Response to Do The Right Thing

Posted by on Sep 5, 2012 in RCL | 2 comments

The film Do The Right Thing explores various themes of racial tension, civic duty, and conflicting ideologies¬†among¬†racial groups. The film presents a very honest look at the lives, actions and inner thoughts of the various characters and their struggles and opinions. Each character seems to act according to what, in their minds, is the “right thing”. For example, Buggin’ Out believed that his civic duty was to convince Sal to put black people on the wall of fame, Radio Raheem’s was to spread his music’s message no matter the occasion. When the fights broke out in front of Sal’s the cops fought to contain the crowd in anyway possible, including violence, later resulting in the death of Radio Raheem. There is nothing wrong with being a part of one’s community or having a civic life. However, the characters in the film all have ideologies that conflict to the point of chaos, violence, and tragedy.

Throughout the film there are various instances of racism and racial contempt. A prime example of this is Sal’s son Pino. Pino hates the primarily black neighborhood in which he works and often refers to black people as apes or ”niggers”, a part of the movie I felt did not deserve laughter. His contempt for his fellow black citizens was not only disturbing but unfounded.

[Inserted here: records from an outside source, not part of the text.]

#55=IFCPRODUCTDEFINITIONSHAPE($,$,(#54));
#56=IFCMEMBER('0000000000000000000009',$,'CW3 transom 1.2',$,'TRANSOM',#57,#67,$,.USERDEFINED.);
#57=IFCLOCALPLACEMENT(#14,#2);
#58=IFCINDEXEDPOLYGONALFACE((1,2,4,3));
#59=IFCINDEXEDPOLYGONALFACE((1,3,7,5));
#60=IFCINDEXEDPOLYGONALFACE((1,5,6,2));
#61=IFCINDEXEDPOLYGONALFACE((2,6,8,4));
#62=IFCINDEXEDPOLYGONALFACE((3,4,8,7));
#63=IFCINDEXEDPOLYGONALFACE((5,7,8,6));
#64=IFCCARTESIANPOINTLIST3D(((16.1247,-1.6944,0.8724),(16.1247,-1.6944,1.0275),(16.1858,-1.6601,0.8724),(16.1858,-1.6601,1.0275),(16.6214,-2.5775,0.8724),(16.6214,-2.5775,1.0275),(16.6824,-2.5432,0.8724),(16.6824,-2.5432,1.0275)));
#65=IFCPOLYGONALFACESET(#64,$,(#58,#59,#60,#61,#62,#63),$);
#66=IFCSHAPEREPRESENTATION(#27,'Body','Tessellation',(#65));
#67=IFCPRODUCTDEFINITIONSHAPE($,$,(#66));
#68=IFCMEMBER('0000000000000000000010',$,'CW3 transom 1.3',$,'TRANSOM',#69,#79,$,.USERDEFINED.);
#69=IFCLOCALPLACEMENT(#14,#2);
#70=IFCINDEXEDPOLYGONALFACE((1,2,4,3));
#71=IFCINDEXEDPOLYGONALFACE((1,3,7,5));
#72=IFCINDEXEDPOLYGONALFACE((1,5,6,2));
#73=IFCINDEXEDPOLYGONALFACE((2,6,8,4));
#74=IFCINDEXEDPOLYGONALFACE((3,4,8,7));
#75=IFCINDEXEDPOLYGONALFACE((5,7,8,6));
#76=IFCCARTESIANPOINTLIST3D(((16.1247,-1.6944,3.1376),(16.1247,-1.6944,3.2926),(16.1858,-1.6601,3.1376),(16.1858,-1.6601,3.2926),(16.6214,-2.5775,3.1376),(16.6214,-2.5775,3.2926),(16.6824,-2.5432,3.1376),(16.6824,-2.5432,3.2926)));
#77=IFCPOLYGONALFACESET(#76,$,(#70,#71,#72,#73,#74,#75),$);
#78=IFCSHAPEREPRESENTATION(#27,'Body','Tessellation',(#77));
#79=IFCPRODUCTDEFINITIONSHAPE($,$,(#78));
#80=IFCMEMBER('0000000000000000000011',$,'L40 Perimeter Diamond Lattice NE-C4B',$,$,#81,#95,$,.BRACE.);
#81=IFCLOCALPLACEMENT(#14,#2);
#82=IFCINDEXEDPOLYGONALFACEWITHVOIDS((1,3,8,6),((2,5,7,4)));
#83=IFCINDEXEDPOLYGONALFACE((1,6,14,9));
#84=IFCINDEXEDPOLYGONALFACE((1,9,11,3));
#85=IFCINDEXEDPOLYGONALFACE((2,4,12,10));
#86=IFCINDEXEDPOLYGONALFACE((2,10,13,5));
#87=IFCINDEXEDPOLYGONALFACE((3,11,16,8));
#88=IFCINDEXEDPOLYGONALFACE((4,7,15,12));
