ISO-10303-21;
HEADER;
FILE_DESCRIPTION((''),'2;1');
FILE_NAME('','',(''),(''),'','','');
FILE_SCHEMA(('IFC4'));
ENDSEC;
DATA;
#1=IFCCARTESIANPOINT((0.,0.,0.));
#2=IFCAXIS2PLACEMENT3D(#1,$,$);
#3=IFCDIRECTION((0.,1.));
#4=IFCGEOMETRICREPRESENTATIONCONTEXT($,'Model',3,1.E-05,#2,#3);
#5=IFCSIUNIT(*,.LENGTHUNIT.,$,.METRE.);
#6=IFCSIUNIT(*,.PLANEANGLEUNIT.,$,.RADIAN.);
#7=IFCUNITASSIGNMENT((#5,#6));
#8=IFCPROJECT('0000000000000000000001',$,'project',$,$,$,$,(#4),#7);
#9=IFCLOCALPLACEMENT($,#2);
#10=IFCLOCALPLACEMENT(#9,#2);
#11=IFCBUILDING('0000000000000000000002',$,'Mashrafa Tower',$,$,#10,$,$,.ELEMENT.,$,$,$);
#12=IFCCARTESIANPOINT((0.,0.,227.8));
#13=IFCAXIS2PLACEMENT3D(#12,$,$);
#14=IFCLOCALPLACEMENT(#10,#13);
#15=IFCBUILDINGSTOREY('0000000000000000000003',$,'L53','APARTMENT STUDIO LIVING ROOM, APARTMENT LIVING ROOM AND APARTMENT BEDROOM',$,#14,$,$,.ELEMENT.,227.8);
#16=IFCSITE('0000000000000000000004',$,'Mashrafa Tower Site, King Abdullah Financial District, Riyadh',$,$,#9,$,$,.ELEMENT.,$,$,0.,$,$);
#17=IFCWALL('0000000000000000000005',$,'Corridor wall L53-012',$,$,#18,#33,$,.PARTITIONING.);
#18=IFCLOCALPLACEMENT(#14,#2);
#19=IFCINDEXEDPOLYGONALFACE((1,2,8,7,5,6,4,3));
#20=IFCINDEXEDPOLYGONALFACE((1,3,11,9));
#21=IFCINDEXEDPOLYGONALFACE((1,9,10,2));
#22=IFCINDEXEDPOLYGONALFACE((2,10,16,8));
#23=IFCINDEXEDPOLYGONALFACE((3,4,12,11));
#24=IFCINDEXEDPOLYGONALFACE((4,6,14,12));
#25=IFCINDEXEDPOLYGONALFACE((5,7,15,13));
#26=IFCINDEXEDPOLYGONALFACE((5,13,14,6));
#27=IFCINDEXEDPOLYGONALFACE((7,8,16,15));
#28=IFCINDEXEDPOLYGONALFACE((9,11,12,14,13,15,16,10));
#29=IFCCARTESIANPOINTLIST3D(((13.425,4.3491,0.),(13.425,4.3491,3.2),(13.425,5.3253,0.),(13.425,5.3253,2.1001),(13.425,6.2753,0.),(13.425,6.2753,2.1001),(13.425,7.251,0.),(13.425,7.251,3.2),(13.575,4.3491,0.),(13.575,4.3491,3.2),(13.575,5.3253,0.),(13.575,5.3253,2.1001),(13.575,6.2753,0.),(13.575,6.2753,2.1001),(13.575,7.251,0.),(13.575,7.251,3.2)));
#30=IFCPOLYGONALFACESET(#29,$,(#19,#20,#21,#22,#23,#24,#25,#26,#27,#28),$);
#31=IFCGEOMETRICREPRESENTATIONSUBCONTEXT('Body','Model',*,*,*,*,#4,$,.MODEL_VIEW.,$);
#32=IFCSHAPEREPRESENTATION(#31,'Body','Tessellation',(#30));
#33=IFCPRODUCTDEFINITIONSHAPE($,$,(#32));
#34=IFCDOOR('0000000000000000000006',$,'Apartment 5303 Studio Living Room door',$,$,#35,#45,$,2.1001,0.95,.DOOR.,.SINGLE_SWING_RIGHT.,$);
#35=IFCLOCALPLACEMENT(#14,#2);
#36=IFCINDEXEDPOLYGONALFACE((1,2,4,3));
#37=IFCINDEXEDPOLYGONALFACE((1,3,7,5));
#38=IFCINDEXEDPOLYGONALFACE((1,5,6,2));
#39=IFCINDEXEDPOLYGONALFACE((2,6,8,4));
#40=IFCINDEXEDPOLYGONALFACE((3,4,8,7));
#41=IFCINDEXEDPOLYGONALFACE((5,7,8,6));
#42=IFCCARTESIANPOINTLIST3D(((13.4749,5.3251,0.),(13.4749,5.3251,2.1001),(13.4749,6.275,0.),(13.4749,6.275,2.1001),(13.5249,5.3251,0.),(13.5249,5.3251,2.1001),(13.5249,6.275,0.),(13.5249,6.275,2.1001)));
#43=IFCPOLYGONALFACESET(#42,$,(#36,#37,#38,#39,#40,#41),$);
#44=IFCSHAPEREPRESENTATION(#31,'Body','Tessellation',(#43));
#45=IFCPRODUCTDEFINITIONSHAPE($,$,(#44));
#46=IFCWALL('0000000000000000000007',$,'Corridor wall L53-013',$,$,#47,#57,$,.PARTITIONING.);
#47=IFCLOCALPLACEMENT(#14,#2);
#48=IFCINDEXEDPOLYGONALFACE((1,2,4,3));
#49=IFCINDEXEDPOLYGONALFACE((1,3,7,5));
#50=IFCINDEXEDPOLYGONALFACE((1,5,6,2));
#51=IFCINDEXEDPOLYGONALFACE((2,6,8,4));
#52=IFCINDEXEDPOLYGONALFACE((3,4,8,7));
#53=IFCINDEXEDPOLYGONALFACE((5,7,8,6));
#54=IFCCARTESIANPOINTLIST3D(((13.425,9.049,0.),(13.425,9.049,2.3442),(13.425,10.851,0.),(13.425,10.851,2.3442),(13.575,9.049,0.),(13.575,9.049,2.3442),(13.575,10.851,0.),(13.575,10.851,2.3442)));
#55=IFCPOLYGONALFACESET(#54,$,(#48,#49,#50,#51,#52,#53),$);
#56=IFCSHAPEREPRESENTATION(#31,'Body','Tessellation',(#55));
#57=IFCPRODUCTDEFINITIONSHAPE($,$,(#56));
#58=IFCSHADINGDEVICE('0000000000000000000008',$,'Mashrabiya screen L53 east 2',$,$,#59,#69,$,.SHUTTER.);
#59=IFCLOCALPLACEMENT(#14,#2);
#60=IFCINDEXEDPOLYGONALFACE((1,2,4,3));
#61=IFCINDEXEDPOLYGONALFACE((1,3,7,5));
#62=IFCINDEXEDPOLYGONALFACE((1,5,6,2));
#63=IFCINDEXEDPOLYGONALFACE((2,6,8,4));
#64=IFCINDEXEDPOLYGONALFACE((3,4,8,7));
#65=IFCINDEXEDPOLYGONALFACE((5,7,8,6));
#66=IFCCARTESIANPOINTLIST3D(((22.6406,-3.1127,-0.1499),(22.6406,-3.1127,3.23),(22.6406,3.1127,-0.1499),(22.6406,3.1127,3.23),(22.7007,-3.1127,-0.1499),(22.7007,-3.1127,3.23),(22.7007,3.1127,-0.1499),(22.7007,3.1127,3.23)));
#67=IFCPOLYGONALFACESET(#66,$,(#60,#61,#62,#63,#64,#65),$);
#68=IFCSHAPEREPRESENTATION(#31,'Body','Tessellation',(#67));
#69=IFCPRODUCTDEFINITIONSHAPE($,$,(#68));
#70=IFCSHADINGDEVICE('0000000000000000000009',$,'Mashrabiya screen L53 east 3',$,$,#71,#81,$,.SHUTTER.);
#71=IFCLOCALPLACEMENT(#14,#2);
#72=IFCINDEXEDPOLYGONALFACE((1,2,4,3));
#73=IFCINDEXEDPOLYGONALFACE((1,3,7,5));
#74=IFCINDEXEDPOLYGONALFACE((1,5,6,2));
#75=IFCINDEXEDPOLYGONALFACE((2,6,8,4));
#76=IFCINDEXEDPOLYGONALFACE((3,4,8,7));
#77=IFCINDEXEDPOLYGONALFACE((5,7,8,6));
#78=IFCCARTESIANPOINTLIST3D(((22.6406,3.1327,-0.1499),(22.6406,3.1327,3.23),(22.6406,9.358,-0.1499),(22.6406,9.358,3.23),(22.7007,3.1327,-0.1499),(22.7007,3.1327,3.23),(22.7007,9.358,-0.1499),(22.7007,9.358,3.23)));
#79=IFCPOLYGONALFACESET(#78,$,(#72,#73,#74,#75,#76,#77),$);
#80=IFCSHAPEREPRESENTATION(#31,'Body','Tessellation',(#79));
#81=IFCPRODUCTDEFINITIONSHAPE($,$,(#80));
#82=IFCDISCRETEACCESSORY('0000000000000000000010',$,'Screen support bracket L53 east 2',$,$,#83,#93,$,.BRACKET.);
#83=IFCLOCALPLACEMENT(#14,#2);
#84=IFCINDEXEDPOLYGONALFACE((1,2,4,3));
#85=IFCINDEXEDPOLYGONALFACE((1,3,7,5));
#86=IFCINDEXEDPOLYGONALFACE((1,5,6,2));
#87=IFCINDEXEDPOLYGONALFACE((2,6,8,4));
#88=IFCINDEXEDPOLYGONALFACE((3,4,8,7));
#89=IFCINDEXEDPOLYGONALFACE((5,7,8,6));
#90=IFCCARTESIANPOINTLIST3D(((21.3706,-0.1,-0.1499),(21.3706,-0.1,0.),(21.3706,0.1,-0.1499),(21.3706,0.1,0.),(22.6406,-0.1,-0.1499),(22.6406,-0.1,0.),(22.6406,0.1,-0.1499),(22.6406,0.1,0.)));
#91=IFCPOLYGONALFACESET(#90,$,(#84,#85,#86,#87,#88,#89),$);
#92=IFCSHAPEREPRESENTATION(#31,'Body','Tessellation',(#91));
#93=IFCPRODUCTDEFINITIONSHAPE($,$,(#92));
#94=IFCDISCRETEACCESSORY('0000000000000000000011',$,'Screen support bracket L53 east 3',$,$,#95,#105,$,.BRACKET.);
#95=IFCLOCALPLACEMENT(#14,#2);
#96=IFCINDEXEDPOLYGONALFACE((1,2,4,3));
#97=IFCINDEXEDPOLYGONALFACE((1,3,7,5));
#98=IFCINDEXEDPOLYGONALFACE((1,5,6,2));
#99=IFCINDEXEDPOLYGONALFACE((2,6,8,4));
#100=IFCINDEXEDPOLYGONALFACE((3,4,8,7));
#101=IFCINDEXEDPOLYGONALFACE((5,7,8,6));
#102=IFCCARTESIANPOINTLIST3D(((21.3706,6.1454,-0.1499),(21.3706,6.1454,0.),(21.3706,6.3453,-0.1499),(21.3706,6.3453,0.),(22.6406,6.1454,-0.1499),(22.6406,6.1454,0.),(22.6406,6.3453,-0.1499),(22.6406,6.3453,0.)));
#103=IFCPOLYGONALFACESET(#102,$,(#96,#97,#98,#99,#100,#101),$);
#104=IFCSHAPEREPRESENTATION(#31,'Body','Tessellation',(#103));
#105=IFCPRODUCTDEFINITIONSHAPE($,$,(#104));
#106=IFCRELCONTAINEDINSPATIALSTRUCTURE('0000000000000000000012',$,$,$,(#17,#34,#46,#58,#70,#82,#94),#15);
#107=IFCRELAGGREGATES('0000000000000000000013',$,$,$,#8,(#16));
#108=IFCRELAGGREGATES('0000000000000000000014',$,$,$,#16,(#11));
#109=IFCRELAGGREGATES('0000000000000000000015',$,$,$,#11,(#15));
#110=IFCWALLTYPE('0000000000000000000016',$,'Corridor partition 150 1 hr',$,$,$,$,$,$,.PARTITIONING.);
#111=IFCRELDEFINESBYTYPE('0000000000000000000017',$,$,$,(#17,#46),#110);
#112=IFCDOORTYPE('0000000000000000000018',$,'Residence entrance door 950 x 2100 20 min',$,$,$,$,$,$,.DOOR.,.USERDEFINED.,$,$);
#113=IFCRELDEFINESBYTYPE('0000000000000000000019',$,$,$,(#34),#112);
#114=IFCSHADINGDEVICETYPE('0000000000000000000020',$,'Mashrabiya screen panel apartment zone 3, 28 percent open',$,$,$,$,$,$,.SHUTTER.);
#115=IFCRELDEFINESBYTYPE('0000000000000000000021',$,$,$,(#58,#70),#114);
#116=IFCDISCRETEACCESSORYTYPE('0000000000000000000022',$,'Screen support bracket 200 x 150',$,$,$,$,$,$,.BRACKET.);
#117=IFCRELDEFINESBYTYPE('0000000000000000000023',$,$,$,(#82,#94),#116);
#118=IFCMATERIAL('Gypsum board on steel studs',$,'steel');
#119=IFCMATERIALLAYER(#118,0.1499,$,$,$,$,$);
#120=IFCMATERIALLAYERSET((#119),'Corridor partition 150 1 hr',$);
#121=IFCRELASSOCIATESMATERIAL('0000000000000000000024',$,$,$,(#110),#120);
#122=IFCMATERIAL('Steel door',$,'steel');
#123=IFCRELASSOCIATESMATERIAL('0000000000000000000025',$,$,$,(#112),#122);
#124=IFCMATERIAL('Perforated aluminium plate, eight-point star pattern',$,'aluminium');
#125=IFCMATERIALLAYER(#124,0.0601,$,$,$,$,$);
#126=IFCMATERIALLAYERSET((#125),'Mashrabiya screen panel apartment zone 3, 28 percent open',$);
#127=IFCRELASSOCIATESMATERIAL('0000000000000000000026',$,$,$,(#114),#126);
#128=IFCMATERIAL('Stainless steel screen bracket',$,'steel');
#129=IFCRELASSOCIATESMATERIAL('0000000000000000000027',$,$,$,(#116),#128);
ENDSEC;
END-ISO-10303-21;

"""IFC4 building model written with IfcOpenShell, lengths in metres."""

from ifc_helpers import new_model, si_unit, direction, frame, frame_2d, origin, origin_2d, place, context, subcontext, project, spatial, rectangle, extrude, source, transform, mapped, material, layer, layer_set, type_object, type_shapes, element, fill, save


model = new_model("IFC4")

# Units and contexts
model_context = context("Model", 3, precision=1e-05, world=origin(), true_north=direction((0.0, 1.0)))
body_context = subcontext(model_context, "Body", "Model", "MODEL_VIEW")
ifc_project = project(units=[si_unit("LENGTHUNIT", "METRE"), si_unit("PLANEANGLEUNIT", "RADIAN")], contexts=[model_context])

# Site, building, storey
site_placement = place(None, origin())
site = spatial("IfcSite", under=ifc_project, at=site_placement, Name="Mashrafa Tower Site, King Abdullah Financial District, Riyadh", CompositionType="ELEMENT", RefElevation=0.0)
building_placement = place(site_placement, origin())
building = spatial("IfcBuilding", under=site, at=building_placement, Name="Mashrafa Tower", CompositionType="ELEMENT")
storey_placement = place(building_placement, frame((0.0, 0.0, 227.8)))
storey = spatial("IfcBuildingStorey", under=building, at=storey_placement, Name="L53", Description="APARTMENT STUDIO LIVING ROOM, APARTMENT LIVING ROOM AND APARTMENT BEDROOM", CompositionType="ELEMENT", Elevation=227.8)

# Shared definitions
ifc_material_1 = material(Name="Gypsum board on steel studs", Category="steel")
ifc_layer_1 = layer(ifc_material_1, 0.1499)
ifc_layer_set_1 = layer_set([ifc_layer_1], Name="Corridor partition 150 1 hr")
wall_type_1 = type_object("IfcWallType", Name="Corridor partition 150 1 hr", PredefinedType="PARTITIONING", material=ifc_layer_set_1)

# Shared definitions
ifc_material_2 = material(Name="Steel door", Category="steel")
door_type = type_object("IfcDoorType", Name="Residence entrance door 950 x 2100 20 min", OperationType="USERDEFINED", PredefinedType="DOOR", material=ifc_material_2)

# Wall, opening, door
wall_1_placement = place(storey_placement, frame((13.5, 4.3491, 0.0), z_axis=(0.0, 0.0, 1.0), x_axis=(0.0, 1.0, 0.0)))
wall_1 = element("IfcWall", 1, at=wall_1_placement, inside=storey, type_object=wall_type_1, Name="Corridor wall L53-012", PredefinedType="PARTITIONING", context=body_context, shape_type="SweptSolid", body=[
    extrude(rectangle(XDim=2.9019, YDim=0.1499, at=frame_2d((1.4509, 0.0))), origin(), (0.0, 0.0, 1.0), 3.2),
])
opening_1_placement = place(wall_1_placement, frame((0.9761, 0.0, 0.0)))
opening_1 = element("IfcOpeningElement", 2, at=opening_1_placement, cuts=wall_1, PredefinedType="OPENING", context=body_context, shape_type="SweptSolid", body=[
    extrude(rectangle(XDim=0.95, YDim=2.1001, at=frame_2d((0.4751, 1.05))), frame((0.0, 0.085, 0.0), z_axis=(0.0, -1.0, 0.0), x_axis=(1.0, 0.0, 0.0)), (0.0, 0.0, 1.0), 0.1699),
])
door_1_placement = place(opening_1_placement, frame((0.95, 0.0, 0.0), z_axis=(0.0, 0.0, 1.0), x_axis=(-1.0, 0.0, 0.0)))
door_1 = element("IfcDoor", 3, at=door_1_placement, inside=storey, type_object=door_type, Name="Apartment 5303 Studio Living Room door", OperationType="SINGLE_SWING_RIGHT", OverallHeight=2.1001, OverallWidth=0.95, PredefinedType="DOOR", context=body_context, shape_type="SweptSolid", body=[
    extrude(rectangle(XDim=0.95, YDim=2.1001, at=frame_2d((0.4751, 1.05))), frame((0.0, 0.0249, 0.0), z_axis=(0.0, -1.0, 0.0), x_axis=(1.0, 0.0, 0.0)), (0.0, 0.0, 1.0), 0.05),
])
fill(opening_1, door_1)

The panel discussion that followed not only was controversial but shocking as well. What I saw from some of the speakers upset me greatly as a black person. I felt that pointless stereotypes were being perpetuated and agreed with by a large amount of the people present. I had hoped that the movie and the subsequent discussion would clear away peoples’ preexisting thoughts concerning the subjects presented in the film, but that didn’t seem to be the case.

2 Comments

  1. I was disappointed by the conversation as well mostly because I feel most of the kids there might be able to elaborate on their thoughts in a smaller setting. The microphone really limits people to say their speech and there really isn’t any back and forth so many might have misrepresented themselves. Personally I thought it was weird to have a panel of white people talking about racial tension because their perspective is simply different from a black person’s. It doesn’t necessarily mean they are racist, it’s just something that is out of their experience. Overall good post.

  2. Natalia,
    I agree that the discussion following the movie was confusing and disappointing. What do you (or others commenting on this blog) think contributed to it being counterproductive?